The largest study conducted of people with schizophrenia has found 83 new gene locations, with some in surprising places. These findings will allow researchers to pursue new theories about what causes schizophrenia and how to treat it. For this study, the researchers looked at the genetic codes of 36,989 people with schizophrenia and 113.075 people who did not have the brain disorder. “This is a big moment in schizophrenia research,” says Anil Malhotra, MD, director of psychiatric research at Zucker Hillside Hospital in Glen Oaks, New York, and a study contributor. “We have gone from just a handful of known genetic loci for schizophrenia to 108. This is a wealth of research and should lead to an onslaught of investigations into these gene locations.”

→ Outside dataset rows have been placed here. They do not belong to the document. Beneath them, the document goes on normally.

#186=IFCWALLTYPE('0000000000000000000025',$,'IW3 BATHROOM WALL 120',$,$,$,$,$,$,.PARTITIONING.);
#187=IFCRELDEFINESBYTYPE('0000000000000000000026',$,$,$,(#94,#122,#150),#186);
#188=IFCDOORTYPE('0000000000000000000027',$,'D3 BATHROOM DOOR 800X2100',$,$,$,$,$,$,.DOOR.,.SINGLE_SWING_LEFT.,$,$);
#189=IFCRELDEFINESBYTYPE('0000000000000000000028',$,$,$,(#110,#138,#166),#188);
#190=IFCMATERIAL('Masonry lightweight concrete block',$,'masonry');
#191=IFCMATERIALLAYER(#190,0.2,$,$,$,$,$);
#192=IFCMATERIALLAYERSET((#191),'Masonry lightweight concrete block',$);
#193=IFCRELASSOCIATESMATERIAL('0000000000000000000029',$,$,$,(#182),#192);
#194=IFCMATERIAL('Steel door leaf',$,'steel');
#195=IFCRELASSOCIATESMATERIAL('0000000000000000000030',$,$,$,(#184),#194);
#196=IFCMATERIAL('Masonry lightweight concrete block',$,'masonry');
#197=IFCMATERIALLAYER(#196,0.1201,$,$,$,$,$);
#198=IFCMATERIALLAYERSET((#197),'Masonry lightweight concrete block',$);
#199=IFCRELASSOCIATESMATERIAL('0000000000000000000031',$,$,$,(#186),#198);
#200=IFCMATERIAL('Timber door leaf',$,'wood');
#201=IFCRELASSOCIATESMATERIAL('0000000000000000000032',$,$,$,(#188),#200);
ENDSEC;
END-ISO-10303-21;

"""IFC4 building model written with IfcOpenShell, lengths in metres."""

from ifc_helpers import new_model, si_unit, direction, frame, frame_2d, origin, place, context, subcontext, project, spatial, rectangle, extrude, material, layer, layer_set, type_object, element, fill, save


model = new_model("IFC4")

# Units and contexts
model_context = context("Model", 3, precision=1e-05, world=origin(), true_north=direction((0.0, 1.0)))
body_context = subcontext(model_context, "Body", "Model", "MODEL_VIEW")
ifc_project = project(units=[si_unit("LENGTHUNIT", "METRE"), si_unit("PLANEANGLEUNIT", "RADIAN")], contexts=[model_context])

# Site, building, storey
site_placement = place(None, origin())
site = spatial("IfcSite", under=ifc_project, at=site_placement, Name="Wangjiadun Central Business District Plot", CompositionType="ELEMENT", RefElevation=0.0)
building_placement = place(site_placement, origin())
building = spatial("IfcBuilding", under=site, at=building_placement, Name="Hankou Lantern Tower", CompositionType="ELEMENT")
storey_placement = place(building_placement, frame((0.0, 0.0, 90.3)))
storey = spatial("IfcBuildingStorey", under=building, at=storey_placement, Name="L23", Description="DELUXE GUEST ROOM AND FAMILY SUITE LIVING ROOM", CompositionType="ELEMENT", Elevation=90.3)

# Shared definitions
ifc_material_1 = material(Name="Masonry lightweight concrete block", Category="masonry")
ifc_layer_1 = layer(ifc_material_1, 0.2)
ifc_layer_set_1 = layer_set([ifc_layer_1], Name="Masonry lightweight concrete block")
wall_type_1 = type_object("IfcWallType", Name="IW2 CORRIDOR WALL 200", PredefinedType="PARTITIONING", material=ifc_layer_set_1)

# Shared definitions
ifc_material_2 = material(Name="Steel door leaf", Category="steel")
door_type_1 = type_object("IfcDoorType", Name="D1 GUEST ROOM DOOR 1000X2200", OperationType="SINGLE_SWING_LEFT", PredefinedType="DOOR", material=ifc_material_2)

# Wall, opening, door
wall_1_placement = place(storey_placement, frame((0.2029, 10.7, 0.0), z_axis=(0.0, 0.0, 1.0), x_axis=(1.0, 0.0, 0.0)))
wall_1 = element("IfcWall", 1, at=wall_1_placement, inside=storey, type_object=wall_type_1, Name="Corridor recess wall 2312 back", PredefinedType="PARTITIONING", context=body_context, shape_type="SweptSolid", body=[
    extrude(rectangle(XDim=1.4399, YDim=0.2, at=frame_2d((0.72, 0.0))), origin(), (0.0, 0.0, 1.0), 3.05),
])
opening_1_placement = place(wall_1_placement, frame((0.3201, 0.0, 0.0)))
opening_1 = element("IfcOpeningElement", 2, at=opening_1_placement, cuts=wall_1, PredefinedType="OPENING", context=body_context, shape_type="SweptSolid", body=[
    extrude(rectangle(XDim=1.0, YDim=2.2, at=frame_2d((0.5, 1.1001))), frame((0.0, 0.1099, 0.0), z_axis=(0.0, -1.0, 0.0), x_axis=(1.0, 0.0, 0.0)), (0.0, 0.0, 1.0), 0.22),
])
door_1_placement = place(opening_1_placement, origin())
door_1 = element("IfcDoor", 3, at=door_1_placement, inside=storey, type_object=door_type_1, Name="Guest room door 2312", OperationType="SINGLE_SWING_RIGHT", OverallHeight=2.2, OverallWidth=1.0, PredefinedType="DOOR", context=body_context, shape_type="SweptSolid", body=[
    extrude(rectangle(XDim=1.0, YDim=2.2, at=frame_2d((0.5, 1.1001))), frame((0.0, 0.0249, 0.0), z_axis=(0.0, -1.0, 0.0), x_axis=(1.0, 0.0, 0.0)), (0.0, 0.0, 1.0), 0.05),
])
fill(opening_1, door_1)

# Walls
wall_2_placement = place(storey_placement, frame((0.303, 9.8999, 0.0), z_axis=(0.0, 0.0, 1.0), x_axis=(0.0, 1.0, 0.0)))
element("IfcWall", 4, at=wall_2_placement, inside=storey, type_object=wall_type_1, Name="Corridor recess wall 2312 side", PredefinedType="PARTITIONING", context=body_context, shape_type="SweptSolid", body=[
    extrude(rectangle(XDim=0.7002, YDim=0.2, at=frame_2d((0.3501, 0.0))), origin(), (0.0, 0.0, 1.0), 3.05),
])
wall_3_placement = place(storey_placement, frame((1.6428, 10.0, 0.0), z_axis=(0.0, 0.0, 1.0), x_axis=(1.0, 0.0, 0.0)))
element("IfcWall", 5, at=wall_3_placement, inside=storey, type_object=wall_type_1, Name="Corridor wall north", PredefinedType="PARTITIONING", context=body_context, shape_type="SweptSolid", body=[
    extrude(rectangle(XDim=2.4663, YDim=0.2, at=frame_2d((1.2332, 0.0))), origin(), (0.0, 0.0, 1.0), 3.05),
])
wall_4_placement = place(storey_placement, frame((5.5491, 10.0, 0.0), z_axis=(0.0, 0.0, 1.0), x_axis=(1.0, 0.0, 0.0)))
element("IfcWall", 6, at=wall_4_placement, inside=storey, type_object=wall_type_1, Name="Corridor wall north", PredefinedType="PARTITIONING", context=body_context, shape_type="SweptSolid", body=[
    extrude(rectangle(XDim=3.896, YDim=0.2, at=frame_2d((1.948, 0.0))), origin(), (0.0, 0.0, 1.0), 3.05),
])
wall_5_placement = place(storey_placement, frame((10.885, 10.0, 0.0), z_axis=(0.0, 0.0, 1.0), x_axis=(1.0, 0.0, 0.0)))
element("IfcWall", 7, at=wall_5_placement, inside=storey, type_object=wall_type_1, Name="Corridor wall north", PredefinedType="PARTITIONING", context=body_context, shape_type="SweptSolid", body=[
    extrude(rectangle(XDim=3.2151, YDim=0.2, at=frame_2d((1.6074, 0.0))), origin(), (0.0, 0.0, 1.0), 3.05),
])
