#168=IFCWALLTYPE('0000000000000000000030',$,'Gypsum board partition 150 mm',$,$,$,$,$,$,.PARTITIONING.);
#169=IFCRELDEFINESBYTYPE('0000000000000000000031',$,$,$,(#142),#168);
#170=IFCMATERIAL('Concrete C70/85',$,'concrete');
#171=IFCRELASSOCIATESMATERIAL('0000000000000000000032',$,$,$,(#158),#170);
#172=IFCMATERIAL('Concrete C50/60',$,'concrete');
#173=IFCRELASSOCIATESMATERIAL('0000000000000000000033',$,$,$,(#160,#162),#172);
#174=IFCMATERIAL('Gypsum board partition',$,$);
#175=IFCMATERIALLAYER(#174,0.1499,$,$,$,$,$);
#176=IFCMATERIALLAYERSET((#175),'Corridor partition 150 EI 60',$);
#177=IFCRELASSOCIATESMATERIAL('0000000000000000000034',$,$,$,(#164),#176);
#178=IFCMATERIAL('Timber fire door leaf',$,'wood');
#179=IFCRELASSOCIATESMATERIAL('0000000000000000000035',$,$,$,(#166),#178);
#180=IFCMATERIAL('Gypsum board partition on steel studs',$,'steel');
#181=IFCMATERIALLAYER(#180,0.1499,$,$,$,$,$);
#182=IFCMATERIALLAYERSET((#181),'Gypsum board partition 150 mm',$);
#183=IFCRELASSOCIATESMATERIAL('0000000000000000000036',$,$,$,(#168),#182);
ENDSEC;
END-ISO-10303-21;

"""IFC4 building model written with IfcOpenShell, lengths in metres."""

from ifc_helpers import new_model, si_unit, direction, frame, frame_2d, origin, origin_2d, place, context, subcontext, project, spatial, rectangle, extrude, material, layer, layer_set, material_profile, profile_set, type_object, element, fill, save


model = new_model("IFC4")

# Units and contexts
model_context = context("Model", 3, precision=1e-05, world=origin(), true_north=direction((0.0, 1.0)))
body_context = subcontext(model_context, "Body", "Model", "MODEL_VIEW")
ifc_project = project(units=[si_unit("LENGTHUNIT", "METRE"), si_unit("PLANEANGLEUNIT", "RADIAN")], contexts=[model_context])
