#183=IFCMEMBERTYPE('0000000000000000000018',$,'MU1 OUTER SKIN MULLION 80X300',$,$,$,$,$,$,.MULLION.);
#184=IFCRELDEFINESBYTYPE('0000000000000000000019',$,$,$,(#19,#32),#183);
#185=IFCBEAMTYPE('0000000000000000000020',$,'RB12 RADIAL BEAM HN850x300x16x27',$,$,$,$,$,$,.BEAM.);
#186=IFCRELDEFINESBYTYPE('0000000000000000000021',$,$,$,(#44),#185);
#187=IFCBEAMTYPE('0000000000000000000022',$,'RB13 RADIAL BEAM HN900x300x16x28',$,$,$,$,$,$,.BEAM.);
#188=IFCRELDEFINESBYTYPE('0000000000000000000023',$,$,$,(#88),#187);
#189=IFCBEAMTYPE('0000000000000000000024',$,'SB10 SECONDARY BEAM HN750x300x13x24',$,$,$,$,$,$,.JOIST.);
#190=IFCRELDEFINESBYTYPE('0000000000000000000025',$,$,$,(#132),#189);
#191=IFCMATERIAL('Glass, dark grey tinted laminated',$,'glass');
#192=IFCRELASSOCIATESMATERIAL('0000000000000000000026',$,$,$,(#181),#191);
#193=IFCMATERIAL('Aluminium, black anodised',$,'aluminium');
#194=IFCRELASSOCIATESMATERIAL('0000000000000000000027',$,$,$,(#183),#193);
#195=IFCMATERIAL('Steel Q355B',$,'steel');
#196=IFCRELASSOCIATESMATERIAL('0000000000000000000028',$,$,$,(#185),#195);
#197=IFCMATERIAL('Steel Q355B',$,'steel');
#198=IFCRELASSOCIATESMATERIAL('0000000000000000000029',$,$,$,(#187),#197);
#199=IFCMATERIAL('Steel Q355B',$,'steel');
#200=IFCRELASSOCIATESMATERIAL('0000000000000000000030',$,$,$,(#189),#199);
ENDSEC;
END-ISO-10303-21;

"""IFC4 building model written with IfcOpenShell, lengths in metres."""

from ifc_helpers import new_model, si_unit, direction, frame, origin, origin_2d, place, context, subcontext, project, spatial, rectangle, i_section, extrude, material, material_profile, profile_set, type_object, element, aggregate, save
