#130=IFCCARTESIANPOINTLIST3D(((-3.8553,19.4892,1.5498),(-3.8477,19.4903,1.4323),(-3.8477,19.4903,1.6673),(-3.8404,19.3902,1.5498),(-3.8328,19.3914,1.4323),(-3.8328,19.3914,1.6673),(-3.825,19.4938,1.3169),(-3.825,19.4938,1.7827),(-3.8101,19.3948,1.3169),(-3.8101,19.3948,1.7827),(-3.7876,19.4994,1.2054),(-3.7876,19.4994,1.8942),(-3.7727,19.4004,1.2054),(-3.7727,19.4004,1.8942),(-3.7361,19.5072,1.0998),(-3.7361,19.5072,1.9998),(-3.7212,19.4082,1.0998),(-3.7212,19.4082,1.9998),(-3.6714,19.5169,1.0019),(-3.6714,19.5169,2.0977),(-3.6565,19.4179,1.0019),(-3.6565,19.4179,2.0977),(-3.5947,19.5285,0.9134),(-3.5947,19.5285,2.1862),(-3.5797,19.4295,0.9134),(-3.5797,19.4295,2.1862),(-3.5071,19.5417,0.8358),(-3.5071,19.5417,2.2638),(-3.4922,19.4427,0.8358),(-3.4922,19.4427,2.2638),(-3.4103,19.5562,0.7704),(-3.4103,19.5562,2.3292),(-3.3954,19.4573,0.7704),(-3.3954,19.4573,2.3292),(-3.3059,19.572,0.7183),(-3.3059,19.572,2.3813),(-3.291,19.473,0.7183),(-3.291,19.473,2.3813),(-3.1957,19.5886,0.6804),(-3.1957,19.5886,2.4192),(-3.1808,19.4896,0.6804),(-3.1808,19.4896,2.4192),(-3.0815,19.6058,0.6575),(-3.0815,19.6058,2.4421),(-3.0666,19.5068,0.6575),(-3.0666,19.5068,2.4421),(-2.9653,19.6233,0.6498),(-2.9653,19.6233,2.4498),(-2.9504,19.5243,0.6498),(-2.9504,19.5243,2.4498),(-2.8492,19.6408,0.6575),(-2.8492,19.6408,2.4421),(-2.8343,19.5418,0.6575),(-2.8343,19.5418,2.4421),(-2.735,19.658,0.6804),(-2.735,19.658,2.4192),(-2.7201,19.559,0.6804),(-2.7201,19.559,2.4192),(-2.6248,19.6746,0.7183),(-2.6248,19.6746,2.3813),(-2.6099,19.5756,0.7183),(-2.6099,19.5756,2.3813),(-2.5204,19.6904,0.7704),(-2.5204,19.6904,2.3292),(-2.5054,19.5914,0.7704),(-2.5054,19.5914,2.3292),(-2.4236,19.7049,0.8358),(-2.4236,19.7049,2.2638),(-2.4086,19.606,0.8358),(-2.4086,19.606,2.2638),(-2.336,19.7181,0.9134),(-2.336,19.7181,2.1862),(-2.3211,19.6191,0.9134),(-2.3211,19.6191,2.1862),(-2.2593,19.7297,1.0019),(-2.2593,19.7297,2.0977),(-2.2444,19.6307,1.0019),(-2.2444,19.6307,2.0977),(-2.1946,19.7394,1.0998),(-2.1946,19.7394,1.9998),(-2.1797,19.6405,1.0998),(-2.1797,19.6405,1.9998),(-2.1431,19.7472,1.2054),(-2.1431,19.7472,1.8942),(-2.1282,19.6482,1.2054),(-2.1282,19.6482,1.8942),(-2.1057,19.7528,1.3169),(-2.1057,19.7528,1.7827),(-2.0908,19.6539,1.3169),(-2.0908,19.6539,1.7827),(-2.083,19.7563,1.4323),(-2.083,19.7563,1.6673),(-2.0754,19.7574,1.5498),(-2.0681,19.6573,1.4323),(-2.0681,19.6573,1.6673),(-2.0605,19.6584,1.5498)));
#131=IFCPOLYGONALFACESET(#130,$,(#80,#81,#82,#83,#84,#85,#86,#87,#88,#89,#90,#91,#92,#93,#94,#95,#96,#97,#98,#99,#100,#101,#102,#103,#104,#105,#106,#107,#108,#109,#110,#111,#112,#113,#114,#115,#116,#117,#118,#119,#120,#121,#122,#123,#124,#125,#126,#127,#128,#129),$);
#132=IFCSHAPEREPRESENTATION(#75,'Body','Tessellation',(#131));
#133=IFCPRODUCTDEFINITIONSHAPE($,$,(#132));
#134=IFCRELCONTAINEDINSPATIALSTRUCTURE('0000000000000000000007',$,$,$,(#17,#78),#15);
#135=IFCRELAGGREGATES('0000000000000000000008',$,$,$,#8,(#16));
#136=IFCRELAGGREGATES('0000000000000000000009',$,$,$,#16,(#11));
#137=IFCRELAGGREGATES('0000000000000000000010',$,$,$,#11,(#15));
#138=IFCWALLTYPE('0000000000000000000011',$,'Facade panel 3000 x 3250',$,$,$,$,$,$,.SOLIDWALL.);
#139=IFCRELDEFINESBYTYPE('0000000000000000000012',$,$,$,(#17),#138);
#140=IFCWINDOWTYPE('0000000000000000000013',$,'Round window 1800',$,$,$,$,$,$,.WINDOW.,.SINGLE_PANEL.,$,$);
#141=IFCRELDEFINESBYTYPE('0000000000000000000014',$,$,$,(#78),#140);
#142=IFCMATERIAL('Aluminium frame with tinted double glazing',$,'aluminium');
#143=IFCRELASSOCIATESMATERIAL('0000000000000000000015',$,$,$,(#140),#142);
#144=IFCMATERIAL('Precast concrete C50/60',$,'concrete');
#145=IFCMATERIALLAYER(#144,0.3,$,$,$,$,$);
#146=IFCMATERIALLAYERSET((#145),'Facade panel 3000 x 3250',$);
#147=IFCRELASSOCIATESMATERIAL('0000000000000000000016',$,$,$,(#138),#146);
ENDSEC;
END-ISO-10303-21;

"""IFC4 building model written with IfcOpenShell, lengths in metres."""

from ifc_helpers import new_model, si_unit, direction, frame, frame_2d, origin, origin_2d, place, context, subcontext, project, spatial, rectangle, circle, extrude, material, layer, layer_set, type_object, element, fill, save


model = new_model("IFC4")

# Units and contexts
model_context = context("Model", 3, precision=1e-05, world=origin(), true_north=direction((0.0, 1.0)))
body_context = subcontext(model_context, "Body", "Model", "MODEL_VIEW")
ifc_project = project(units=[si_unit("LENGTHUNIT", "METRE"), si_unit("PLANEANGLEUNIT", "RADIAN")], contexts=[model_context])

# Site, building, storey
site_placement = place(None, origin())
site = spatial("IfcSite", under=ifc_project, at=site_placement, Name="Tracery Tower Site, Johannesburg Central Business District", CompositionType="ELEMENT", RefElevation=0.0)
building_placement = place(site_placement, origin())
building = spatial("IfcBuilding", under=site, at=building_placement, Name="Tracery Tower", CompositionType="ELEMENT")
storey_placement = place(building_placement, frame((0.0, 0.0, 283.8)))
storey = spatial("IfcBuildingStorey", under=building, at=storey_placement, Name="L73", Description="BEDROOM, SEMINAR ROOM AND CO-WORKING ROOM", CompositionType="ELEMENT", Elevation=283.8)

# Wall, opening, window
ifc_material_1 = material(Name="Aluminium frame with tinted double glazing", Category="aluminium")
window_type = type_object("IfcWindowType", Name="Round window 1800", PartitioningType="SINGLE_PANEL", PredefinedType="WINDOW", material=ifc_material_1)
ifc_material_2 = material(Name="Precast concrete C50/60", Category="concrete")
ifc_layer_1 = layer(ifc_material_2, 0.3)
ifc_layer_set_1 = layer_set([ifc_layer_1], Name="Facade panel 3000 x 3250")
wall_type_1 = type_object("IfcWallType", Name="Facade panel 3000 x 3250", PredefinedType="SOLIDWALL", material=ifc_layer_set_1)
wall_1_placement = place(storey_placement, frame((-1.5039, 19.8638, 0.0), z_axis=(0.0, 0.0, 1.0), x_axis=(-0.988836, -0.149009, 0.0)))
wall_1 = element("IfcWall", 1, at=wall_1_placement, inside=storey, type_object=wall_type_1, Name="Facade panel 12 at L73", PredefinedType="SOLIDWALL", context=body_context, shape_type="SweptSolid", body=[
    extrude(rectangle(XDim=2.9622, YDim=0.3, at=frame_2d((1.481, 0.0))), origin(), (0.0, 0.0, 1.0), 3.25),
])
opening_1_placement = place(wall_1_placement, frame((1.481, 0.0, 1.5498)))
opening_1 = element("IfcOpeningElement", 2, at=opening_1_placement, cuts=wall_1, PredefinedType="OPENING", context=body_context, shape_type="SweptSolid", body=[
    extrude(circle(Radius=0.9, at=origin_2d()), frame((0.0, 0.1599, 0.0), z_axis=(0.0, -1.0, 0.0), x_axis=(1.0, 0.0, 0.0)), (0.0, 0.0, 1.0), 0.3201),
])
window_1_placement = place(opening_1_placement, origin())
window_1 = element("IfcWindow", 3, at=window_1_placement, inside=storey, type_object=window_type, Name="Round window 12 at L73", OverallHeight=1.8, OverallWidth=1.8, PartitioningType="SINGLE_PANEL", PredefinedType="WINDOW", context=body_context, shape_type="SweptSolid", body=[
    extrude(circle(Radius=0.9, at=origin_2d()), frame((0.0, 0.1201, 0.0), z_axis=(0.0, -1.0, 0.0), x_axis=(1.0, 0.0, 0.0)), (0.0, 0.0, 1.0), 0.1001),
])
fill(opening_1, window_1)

Genetics have long been recognized as a cause of schizophrenia. If you have a parent with schizophrenia, your risk for the disease increases to 10 percent. Even if you have an identical twin with schizophrenia, your risk is still only 50 percent. This new study may start to help explain why some people get the disease and others don’t. “There are new genes which have not been linked to schizophrenia before,” Dr. Rogaev, a psychiatry professor at the University of Massachusetts Medical School, says. In general he notes however, the study strongly confirms previous theories that schizophrenia is caused by changes in the way the brain sends messages, a process called neurotransmission. He adds that the study also confirms that people with schizophrenia lose neuroplasticity, which is the brain’s capacity to learn and remember.
While this study did confirm a lot of the current theories about what goes wrong in the brain of someone with schizophrenia, it also found some surprising links to genes located in areas associated with the immune system, which helps the body fight off infections. Is it possible that schizophrenia can be triggered by an infection? Experts say it is possible. Rogaev explains that there has been previous theories linking the immune system and schizophrenia. Finding schizophrenia genes in areas that regulate the immune system give these theories new life. “So we may have both immune system pathways and neurotransmitter pathways associated with schizophrenia,” he says. “I think a new and exciting area of research will be to look for links between the immune system and the neurotransmitter system. Researchers will likely explore many new possibilities.
“I expect we will see researchers looking closely at all these new genetic areas,” Malhotra says. “We will find out what these genes do and what happens when we knock them out.”